Тулле прихромал и сел рядом.
— И часто у вас тут лед трескается? Почему б не проводить турнир на поле?
— Такого размера поле еще поискать надо. А фьорд — он тут, под боком, — ответил старик. — В этот раз всего один помер. А было всякое. Когда ж это было? Зим десять назад?
— Какой десять? В том году еще дочь Ингмара замуж выходила. Нынче ее первенец первую жертву богам принес. Зим тринадцать-четырнадцать уж никак.
— Ну вот. Тогда на кнаттлейке человек двадцать погибло.
— Тоже утопли? — спросил Тулле.
— Да какой… Некоторые утопли, тут врать не буду. Тогда играли хельты на четырнадцатой-пятнадцатой руне, почти сторхельты. Силища немеренная! Был такой Гвюдни по прозвищу Великан. Все, кто его видели в первый раз, думали, что он Изменившийся. Громадный, могучий, седые волосы до пояса, нос как у орла. И когда пришел его черед быть защитником, ударил он по плашке с такой силой, что та долетела до горожан и выкосила целую улицу. Часть померла на месте, часть — потом от ран скончались.
— Значит, Каю повезло, что его не прибили на льду, — заметил друг.
— Ты не понимаешь! — приподнялся я на локтях и тут же плюхнулся обратно, получив тычок в спину. — Я видел, как дерутся хельты прямо вот так! Перед собой! Чувствовал их силу! Слышал их дыхание. А увернуться я всегда мог.
— Так когда праздновать будем? С конунгом.
— Завтра. Сказали, к полудню прийти без оружия и в лучшем платье.
К пирам у ярлов я уже, считай, привык. Самый худший был, конечно, у ярла Торира Тугая Мошна. И как от него только дружинники не сбежали? Самый веселый, пожалуй, в Сёльвхусе, у ярла Сигарра. А вот каково будет празднество у конунга?
В день пирования я с самого утра ни крошки не тронул, чтобы поберечь место для конунговых угощений. Расчесался волос к волосу, заплел несколько кос по бокам, внимательно осмотрел щеки и подбородок. Не растет клятая борода, и всё! Одежи было не так много. Взял рубаху поярче, серебряный браслет я и так с руки не снимал. Поясной нож, волчий плащ — вот и собрался на пир. Тулле нарядился схожим образом, только палку прихватил как костыль. Наступать на ногу ему все еще было больно.

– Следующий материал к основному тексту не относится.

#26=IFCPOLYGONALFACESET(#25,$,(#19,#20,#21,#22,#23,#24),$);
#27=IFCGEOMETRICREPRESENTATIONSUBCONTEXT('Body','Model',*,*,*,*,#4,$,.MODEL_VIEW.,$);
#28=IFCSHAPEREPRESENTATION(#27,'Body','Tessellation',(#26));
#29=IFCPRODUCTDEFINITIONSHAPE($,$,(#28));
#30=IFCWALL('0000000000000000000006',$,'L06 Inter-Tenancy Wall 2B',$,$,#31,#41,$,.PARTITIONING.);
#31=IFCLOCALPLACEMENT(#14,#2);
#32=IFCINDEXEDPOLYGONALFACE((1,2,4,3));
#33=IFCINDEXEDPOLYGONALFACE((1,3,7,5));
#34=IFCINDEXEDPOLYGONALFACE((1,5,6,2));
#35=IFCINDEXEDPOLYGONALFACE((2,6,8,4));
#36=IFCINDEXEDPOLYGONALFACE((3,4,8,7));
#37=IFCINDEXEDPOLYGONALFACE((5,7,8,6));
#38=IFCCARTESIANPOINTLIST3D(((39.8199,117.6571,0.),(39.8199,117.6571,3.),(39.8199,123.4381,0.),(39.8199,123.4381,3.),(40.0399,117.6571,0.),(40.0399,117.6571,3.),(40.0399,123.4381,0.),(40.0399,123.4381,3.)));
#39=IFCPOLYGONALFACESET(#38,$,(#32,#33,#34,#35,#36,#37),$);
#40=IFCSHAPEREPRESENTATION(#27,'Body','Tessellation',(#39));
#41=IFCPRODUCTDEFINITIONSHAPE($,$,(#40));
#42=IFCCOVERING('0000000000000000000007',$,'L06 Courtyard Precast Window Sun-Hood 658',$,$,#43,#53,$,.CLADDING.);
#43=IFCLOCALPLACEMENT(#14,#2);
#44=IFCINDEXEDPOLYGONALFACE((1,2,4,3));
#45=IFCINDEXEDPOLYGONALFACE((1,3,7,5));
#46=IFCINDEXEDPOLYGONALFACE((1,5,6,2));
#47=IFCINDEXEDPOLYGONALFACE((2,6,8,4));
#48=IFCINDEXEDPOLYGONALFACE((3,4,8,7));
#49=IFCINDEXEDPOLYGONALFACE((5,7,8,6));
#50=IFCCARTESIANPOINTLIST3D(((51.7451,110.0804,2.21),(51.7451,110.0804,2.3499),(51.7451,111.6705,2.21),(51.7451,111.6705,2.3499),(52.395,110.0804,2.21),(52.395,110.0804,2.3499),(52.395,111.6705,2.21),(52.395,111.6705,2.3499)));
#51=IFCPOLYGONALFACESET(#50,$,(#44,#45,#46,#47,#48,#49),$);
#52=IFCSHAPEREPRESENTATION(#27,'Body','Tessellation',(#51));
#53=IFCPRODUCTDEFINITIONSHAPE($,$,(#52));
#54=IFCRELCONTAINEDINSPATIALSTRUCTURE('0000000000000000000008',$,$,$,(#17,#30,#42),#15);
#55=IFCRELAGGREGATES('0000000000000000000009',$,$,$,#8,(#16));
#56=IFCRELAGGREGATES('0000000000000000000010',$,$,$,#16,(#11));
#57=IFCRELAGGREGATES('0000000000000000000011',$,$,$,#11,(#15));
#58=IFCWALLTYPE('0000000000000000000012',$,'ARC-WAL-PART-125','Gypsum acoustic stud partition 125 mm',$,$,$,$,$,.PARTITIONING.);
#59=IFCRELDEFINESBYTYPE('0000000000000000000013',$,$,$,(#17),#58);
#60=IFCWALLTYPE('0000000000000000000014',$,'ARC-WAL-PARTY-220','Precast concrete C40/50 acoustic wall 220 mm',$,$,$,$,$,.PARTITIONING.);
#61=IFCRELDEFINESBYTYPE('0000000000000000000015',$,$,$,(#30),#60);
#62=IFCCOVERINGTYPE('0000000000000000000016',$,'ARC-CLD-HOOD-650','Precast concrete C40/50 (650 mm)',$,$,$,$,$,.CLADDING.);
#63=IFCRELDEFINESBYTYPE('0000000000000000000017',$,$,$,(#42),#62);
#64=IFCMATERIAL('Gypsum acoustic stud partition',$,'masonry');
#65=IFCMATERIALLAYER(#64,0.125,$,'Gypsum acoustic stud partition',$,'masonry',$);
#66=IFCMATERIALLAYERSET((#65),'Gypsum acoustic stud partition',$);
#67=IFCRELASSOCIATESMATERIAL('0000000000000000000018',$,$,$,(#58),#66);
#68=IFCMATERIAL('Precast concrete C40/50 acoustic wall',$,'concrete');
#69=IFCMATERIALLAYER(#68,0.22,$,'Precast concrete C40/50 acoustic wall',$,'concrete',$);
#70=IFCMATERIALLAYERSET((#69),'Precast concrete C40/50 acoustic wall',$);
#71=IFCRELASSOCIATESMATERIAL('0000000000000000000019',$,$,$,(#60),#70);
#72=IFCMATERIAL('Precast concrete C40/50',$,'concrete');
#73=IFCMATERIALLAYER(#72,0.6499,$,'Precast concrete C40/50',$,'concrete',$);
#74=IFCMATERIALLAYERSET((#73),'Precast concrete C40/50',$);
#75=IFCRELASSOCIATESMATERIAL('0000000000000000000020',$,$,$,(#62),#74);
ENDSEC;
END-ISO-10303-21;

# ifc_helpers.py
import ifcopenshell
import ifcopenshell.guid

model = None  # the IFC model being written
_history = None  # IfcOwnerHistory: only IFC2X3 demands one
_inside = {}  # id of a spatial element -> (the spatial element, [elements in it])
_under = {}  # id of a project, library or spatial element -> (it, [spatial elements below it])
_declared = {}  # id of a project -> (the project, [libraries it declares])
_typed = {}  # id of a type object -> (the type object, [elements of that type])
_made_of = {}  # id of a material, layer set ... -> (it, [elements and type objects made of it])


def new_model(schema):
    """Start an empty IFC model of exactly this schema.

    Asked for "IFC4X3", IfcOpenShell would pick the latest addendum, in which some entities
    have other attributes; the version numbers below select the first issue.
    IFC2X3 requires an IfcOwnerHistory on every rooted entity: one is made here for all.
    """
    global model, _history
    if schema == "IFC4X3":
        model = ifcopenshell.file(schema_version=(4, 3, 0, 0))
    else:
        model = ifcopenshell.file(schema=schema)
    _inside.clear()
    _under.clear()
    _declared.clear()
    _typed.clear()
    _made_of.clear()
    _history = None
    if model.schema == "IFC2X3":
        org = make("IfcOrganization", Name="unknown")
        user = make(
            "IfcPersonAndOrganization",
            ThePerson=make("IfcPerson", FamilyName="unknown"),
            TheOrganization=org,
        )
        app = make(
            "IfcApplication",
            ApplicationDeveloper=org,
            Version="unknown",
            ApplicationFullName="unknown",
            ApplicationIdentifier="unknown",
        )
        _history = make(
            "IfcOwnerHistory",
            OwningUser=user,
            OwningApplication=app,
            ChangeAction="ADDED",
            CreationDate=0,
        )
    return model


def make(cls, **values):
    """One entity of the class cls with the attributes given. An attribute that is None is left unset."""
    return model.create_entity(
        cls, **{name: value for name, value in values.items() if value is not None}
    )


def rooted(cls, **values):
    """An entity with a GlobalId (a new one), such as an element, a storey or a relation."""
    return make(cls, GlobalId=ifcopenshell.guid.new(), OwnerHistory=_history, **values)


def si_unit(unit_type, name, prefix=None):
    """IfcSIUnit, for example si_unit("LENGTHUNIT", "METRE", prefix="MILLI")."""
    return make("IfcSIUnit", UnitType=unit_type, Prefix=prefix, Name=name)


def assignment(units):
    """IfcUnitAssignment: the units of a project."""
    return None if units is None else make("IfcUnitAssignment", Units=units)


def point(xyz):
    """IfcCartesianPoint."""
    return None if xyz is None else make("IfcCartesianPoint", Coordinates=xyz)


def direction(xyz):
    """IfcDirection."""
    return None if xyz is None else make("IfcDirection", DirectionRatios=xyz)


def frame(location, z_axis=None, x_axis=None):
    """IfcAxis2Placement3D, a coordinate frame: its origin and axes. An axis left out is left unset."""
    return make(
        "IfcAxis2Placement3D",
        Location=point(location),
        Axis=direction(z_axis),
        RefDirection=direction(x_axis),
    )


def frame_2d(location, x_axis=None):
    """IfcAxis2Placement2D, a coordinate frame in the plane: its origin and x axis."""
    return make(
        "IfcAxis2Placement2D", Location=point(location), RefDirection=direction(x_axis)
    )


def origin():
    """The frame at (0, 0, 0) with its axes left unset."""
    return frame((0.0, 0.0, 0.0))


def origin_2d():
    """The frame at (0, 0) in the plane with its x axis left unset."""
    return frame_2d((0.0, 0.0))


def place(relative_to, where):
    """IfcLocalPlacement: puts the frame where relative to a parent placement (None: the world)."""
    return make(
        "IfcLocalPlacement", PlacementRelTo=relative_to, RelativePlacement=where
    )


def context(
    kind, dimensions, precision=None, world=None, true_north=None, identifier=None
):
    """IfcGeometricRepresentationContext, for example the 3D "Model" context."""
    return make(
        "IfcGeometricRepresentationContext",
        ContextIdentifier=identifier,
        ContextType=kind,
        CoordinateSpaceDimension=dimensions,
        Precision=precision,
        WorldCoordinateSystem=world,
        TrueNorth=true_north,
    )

Рагнвальд устраивал пиры не в том доме, где проходил суд. Для пиров он построил домину побольше да пошире, разукрасил в разные цвета, каждый столб, поддерживающий крышу, был искусно покрыт резьбой да позолотой. Жилище богов, не иначе!
И перед входом уже скопилось полно народу. Проходили внутрь так медленно, будто пиво давали только на входе, и каждый старался выпить побольше. Солнце уж давно перешло полуденную черту, у меня замерзли ноги, а Тулле устал висеть на своей деревяшке, и лишь тогда мы приблизились к двери.
У входа мы скинули плащи, отдали их слугам, показали, что оружия с собой нет. Я показал конунгов браслет. И к нам подошел черный человек с лоханью воды, дабы мы умыли лица и руки.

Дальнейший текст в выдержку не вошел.